I think this manuscript will be stronger if the following points can be explored or clarified:

  1. Table 2 is not standard three-line grid.
  2. The X axis can be used x days instead of xx hours.
  3. The format of References is not consistent.

Author Response

Responses to reviewer 1 comments

We thank the reviewer's efforts for reviewing our manuscript. We revised the manuscript based on the reviewer's comments and suggestions in the revised manuscript.

Point 1. Table 2 is not a standard three-line grid.

Response 1: Table 2 was modified as suggested in the revised manuscript.

Point 2. The X axis can be used x days instead of xx hours.

Responses 2: The X-axis was modified using the day as a unit in the revised manuscript.

Point 3. The format of References is not consistent.

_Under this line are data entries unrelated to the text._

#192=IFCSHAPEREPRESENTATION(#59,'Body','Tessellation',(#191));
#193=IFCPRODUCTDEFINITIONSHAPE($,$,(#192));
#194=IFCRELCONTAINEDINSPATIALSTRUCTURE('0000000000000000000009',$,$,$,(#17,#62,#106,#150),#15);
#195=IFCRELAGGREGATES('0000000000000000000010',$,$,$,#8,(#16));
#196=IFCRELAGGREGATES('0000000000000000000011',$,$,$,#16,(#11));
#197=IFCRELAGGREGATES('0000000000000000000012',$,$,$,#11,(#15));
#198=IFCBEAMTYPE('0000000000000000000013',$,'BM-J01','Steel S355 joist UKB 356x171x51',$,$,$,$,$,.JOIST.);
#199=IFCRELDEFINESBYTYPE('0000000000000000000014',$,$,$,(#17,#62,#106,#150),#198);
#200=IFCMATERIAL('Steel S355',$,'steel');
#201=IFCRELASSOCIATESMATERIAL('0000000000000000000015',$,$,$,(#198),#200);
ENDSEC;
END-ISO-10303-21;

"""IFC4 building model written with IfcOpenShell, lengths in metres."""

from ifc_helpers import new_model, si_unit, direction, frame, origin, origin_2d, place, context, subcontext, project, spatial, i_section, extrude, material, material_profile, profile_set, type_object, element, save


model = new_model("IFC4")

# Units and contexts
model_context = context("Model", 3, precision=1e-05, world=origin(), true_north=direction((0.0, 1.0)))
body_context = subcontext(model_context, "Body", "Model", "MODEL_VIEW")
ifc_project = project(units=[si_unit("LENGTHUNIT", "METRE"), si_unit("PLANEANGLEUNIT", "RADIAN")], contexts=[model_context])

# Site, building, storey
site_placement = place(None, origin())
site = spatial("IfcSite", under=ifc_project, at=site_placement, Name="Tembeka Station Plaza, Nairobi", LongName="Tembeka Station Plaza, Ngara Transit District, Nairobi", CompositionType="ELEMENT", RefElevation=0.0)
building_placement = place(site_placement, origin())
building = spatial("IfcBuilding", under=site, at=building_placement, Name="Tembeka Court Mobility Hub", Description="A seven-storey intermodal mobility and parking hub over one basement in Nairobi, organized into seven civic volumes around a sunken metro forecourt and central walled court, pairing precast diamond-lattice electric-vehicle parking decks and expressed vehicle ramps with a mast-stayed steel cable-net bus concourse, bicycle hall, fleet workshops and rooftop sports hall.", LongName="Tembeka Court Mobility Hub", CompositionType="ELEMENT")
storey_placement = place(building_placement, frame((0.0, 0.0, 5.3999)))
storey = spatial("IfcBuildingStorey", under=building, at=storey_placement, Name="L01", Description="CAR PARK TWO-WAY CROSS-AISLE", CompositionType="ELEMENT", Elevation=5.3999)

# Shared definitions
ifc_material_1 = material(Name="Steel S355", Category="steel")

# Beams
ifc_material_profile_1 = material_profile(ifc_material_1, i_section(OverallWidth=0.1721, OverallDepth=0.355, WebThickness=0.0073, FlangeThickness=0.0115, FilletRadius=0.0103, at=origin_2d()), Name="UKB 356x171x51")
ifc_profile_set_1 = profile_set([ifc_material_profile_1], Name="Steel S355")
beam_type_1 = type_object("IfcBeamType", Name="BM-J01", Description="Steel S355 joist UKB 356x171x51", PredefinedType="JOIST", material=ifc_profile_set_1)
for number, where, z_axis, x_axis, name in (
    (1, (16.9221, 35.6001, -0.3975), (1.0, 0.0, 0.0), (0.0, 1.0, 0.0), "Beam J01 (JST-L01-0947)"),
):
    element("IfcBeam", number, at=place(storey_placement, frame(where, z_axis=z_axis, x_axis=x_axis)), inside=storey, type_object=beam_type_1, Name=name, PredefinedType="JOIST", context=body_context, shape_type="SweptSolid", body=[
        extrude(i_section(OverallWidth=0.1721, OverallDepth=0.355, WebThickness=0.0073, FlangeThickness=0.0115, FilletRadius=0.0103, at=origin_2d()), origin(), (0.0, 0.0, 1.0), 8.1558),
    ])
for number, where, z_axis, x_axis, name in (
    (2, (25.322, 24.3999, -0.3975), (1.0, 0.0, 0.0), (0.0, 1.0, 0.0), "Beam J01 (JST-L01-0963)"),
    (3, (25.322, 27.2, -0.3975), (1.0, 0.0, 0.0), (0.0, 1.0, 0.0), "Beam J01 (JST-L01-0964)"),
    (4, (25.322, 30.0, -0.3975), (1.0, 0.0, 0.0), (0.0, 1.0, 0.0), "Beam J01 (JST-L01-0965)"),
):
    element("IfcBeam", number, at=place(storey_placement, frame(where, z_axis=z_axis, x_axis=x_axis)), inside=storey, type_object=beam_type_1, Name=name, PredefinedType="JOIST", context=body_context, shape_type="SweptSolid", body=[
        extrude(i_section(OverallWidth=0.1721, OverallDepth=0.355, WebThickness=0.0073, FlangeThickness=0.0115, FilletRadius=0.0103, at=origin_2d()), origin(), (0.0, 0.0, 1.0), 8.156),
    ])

Response 3: The formant of references was modified using a consistent format in the revised manuscript.

Reviewer 2 Report

This article deals with a very important topic , for which reliable data are needed. Interesting data are presented that deserve to be taken into account.

Some questions and observations:

I do not understand the sentence referring to Figure 1. It is confusing. Can you please reformulate.

 

I suggest and encourage an analysis between the expression of other coagulation factors, such as Von Willebrand factor binding protein.   And assess if there is any association.

Material and methods part-4.2 . line 283-285- for how long the incubation was done.

Thank you!

Regards!

Author Response

Responses to Reviewer 2 comments

This article deals with a very important topic, for which reliable data are needed. Interesting data are presented that deserve to be taken into account.

We appreciate the reviewer's time in reviewing our manuscript and comments and suggestions. We made our efforts to revise the manuscript based on the suggestions.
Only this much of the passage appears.